Now we need to create a vector of Markov chain and Facebook :

In [150]:
MC = np.zeros(len(terms))
FB= np.zeros(len(terms))
MC_FB=np.zeros(len(terms))

#For "markov chain" : two words
MC[terms.index('markov')] = 1/2
MC[terms.index('chain')] = 1/2

#For "facebook"
FB[terms.index('facebook')] = 1

#For markov chain and facebook = 3 words
MC_FB[terms.index('markov')] = 1/3
MC_FB[terms.index('chain')] = 1/3
MC_FB[terms.index('facebook')] = 1/3

Now for this 3 situation we want to find the topics most relevant:

First we define a cosine similarity function (we could also use sklearn method):

In [179]:
def cosine_similarity(di, dj):#compute closeness between a topic and a document
    score= np.dot(di, dj) / (np.linalg.norm(di) * np.linalg.norm(dj))# Frobenius norm byt default
    return score

Then a function to get the 5 top matches by applying the cosine function above:

In [166]:
def top_five(vect):
   
    cosine_score=np.apply_along_axis(cosine_similarity, 0, TF_IDF, vect)#apply function rowwise
    top5 = np.argsort(cosine_score)[-5:][::-1]#sort and get five best score
    
    temp = []
    for top in top5:
        temp.append((courses_without[top]['courseId'],courses_without[top]['name'], cosine_score[top]))
    
    print("Five top matches :")
    iterator=1
    for idx,name,score in temp:
        print(str(iterator)+') ', idx,':',name, ':', score) 
        iterator+=1

For Markov chain: 

In [167]:
top_five(MC)

Five top matches :
1)  MATH-332 : Applied stochastic processes : 0.552014373903
2)  MGT-484 : Applied probability & stochastic processes : 0.545140925407
3)  MGT-526 : Supply chain management : 0.37517637849
4)  COM-516 : Markov chains and algorithmic applications : 0.375059076082
5)  MGT-602 : Mathematical models in supply chain management : 0.31014411071


For facebook:

In [180]:
top_five(FB)

Five top matches :
1)  EE-727 : Computational Social Media : 0.178554615848
2)  ENV-523 : Hydrogeophysics : 0.0
3)  PHYS-615 : Electronic properties of solids and superconductivity : 0.0
4)  MSE-656 : CCMX Advanced Course - Instrumented Nanoindentation : 0.0
5)  CH-312 : Molecular and cellular biophysic II : 0.0


For both:

In [169]:
top_five(MC_FB)

Five top matches :
1)  MATH-332 : Applied stochastic processes : 0.450717848915
2)  MGT-484 : Applied probability & stochastic processes : 0.445105701718
3)  MGT-526 : Supply chain management : 0.306330230282
4)  COM-516 : Markov chains and algorithmic applications : 0.306234453267
5)  MGT-602 : Mathematical models in supply chain management : 0.253231605989


We notice that for markov chain, finding topics is rather easy while facebook matching only retrieve one match.

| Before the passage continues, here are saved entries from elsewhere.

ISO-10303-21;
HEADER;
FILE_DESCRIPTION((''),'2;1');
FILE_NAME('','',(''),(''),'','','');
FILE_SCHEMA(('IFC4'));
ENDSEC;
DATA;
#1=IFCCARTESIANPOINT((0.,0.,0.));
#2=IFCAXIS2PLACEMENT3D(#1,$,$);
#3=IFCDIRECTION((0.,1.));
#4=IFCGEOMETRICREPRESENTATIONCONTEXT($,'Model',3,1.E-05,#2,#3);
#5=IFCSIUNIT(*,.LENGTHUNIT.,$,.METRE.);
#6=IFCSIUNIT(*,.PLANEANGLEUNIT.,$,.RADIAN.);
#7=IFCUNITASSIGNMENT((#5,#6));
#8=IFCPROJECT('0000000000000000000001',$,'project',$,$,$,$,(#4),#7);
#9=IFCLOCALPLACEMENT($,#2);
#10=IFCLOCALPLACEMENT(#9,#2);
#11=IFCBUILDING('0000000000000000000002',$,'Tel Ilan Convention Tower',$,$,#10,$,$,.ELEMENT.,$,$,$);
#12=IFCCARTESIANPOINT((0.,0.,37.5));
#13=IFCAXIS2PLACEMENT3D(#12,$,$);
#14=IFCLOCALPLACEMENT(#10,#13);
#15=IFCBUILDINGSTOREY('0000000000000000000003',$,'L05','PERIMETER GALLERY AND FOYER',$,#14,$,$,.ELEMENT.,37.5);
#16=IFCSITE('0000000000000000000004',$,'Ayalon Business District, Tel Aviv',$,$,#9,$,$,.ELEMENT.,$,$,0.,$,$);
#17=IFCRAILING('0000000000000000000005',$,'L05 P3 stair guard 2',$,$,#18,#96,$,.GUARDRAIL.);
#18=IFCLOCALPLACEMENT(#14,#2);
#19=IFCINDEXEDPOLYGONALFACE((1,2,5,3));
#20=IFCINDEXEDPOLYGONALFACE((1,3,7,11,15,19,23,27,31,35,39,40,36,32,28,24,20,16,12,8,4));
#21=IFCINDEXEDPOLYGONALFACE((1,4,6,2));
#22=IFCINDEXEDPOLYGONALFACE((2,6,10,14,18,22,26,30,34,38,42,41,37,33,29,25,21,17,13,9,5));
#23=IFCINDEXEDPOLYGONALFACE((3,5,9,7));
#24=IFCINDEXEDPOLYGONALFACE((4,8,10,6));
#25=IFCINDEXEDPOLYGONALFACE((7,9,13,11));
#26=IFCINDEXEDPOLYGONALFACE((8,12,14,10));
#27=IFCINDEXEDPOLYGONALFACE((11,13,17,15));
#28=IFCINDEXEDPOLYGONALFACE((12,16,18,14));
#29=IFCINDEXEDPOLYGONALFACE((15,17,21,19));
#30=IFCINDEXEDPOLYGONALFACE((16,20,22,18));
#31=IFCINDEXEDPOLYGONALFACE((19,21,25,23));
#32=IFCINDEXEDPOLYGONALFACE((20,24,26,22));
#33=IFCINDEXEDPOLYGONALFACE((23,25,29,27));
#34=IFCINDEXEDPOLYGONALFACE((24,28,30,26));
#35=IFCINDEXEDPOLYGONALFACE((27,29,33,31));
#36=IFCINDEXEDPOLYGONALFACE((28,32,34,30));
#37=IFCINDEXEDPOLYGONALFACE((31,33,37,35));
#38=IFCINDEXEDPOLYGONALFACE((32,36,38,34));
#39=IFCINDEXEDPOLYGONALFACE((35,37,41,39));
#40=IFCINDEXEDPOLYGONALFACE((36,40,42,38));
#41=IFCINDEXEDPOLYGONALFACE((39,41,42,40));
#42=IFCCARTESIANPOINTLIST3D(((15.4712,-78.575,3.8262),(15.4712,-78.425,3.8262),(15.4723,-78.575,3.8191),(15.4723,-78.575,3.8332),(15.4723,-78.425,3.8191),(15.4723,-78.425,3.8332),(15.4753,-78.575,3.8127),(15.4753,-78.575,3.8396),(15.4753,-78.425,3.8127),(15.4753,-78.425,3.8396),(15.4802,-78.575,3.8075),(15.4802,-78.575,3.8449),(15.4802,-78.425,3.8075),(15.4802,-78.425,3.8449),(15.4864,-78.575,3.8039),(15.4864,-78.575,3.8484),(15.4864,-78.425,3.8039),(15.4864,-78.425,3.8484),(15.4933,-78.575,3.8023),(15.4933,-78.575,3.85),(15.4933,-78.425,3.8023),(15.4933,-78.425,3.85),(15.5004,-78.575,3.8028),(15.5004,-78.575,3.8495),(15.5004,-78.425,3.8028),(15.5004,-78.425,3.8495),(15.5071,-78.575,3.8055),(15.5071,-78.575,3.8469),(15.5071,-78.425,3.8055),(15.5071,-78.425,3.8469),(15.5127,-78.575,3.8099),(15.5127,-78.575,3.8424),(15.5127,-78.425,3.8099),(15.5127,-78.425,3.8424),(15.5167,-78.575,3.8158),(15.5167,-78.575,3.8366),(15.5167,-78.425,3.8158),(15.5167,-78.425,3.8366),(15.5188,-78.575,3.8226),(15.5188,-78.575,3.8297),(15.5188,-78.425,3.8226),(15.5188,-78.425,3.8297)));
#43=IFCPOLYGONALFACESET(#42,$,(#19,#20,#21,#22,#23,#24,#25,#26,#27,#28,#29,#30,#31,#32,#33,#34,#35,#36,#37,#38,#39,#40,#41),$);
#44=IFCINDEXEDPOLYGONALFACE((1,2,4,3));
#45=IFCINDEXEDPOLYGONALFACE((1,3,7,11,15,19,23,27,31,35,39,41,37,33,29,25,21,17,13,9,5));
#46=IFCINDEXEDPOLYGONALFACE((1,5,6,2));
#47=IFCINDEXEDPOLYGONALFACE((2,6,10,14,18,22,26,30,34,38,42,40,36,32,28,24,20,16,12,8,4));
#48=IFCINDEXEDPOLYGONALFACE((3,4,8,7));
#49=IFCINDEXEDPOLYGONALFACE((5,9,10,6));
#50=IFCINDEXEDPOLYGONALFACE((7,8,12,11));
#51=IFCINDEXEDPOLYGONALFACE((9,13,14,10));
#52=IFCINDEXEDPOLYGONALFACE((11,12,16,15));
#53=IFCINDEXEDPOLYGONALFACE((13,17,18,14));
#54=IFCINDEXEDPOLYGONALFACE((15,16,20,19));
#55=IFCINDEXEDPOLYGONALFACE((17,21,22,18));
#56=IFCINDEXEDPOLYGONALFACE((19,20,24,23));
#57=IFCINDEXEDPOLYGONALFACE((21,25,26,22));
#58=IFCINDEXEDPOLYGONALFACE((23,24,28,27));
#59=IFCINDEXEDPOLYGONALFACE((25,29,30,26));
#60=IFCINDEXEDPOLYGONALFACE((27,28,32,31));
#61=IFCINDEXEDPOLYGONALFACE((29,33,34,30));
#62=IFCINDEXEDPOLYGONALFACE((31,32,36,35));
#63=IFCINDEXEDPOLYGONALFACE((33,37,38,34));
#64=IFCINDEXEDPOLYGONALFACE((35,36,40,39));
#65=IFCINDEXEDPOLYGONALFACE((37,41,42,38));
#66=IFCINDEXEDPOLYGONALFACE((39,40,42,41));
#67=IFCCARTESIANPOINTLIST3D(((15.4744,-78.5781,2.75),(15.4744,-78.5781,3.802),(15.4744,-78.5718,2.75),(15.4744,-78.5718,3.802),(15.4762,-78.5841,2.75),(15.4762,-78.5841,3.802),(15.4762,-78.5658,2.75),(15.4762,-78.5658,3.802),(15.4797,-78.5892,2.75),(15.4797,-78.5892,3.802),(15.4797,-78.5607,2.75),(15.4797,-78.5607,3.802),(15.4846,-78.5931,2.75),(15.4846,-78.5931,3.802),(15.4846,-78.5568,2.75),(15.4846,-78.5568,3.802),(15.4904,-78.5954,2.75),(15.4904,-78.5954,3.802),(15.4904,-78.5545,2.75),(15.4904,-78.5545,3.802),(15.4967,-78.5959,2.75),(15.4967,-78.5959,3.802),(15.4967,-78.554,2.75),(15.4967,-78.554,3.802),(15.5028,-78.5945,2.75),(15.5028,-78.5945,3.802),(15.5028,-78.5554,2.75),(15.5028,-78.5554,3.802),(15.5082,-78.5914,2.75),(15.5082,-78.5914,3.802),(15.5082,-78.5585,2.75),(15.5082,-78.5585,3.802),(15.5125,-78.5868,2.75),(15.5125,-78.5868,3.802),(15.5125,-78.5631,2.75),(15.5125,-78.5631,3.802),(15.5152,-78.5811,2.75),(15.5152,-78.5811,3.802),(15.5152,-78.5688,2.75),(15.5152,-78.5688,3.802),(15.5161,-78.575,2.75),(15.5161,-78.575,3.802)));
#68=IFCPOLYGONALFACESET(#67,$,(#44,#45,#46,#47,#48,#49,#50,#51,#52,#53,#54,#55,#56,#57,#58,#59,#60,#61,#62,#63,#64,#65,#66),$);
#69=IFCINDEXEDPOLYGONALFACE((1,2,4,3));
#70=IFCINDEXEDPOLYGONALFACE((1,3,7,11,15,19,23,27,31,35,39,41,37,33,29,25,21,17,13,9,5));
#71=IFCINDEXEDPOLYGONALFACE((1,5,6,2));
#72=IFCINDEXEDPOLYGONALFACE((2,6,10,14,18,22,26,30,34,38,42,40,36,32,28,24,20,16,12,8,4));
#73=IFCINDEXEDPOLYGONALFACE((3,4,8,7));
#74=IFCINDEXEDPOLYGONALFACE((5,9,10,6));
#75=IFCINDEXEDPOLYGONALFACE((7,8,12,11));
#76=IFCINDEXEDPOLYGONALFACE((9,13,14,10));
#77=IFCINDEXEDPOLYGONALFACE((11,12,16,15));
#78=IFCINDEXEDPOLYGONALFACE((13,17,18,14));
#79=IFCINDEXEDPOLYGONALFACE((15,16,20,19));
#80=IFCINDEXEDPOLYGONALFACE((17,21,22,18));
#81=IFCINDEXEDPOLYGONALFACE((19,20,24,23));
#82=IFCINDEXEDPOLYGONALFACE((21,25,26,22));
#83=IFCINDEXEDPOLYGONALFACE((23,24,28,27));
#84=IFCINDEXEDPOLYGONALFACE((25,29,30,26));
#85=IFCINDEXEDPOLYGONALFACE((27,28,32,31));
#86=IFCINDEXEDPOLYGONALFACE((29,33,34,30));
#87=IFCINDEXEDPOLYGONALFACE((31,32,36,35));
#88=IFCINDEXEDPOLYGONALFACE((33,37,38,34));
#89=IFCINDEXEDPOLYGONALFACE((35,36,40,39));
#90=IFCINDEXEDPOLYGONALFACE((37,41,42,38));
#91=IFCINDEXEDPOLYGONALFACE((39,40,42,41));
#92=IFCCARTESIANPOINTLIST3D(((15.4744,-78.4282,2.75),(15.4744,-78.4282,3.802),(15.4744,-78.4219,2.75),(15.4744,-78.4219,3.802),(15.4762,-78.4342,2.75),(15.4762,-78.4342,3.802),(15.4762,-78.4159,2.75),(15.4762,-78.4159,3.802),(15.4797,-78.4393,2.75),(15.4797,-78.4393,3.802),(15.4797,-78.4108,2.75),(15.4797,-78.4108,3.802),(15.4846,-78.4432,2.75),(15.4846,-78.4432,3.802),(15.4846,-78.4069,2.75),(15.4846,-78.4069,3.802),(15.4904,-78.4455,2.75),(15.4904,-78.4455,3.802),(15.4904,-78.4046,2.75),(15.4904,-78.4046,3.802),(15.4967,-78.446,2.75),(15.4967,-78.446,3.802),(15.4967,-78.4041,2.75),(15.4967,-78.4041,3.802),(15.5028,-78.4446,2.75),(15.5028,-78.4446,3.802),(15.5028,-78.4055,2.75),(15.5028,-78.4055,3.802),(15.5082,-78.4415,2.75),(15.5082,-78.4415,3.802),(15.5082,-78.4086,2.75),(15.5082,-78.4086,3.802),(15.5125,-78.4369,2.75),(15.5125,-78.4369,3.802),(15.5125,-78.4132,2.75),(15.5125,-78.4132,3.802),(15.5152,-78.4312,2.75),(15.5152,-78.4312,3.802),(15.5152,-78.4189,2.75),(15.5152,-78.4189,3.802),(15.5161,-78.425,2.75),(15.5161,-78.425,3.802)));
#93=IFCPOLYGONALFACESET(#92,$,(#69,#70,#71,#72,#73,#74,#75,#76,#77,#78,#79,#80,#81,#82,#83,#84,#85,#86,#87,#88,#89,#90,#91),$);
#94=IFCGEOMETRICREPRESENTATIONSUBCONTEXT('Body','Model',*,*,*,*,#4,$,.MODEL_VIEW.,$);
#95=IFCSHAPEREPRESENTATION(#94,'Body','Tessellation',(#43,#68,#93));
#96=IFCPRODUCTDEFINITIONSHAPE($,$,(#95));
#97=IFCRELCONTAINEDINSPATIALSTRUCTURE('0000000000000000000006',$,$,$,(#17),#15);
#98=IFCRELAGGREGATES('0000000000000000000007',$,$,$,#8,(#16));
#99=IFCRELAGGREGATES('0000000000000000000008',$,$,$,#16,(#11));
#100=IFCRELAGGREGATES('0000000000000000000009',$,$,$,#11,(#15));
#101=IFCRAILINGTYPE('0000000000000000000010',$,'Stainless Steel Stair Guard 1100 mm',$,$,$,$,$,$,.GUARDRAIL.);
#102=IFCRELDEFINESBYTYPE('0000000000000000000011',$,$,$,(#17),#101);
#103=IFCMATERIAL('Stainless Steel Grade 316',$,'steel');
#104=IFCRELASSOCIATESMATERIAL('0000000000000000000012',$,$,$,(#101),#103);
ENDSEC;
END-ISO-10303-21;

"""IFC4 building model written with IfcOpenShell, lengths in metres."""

from ifc_helpers import new_model, si_unit, direction, frame, origin, origin_2d, place, context, subcontext, project, spatial, circle, extrude, material, type_object, element, save


model = new_model("IFC4")

# Units and contexts
model_context = context("Model", 3, precision=1e-05, world=origin(), true_north=direction((0.0, 1.0)))
body_context = subcontext(model_context, "Body", "Model", "MODEL_VIEW")
ifc_project = project(units=[si_unit("LENGTHUNIT", "METRE"), si_unit("PLANEANGLEUNIT", "RADIAN")], contexts=[model_context])

# Site, building, storey
site_placement = place(None, origin())
site = spatial("IfcSite", under=ifc_project, at=site_placement, Name="Ayalon Business District, Tel Aviv", CompositionType="ELEMENT", RefElevation=0.0)
building_placement = place(site_placement, origin())
building = spatial("IfcBuilding", under=site, at=building_placement, Name="Tel Ilan Convention Tower", CompositionType="ELEMENT")
storey_placement = place(building_placement, frame((0.0, 0.0, 37.5)))
storey = spatial("IfcBuildingStorey", under=building, at=storey_placement, Name="L05", Description="PERIMETER GALLERY AND FOYER", CompositionType="ELEMENT", Elevation=37.5)

# Railing
ifc_material_1 = material(Name="Stainless Steel Grade 316", Category="steel")
railing_type_1 = type_object("IfcRailingType", Name="Stainless Steel Stair Guard 1100 mm", PredefinedType="GUARDRAIL", material=ifc_material_1)
railing_1_placement = place(storey_placement, frame((15.4951, -78.575, 2.75)))
element("IfcRailing", 1, at=railing_1_placement, inside=storey, type_object=railing_type_1, Name="L05 P3 stair guard 2", PredefinedType="GUARDRAIL", context=body_context, shape_type="SweptSolid", body=[
    extrude(circle(Radius=0.0239, at=origin_2d()), frame((0.0, 0.0, 1.0762), z_axis=(0.0, 1.0, 0.0), x_axis=(-1.0, 0.0, 0.0)), (0.0, 0.0, 1.0), 0.1499),
    extrude(circle(Radius=0.021, at=origin_2d()), origin(), (0.0, 0.0, 1.0), 1.052),
    extrude(circle(Radius=0.021, at=origin_2d()), frame((0.0, 0.1499, 0.0)), (0.0, 0.0, 1.0), 1.052),
])

save(model, "model.ifc")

When we try to get a match for markov chain and facebook at the same time, we get the same results than for only markov chain. At EPFL, since there are a lot of classes dealing with markov chain,these two words appear a lot in course description. Whereas facebook doesn't appear a lot, but social media does:

In [177]:
Soc_media=np.zeros(len(terms))
Soc_media[terms.index('social')] = 1/2
Soc_media[terms.index('media')] = 1/2

In [178]:
top_five(Soc_media)

Five top matches :
1)  EE-727 : Computational Social Media : 0.759554271309
2)  EE-593 : Social media : 0.402063305318
3)  HUM-432(a) : How people learn I : 0.24609192435
4)  COM-308 : Internet analytics : 0.215365138079
5)  EE-552 : Media security : 0.186856249464


So we can say that vector space retrieval models use a lot word direct matching instead of understanding theme or context.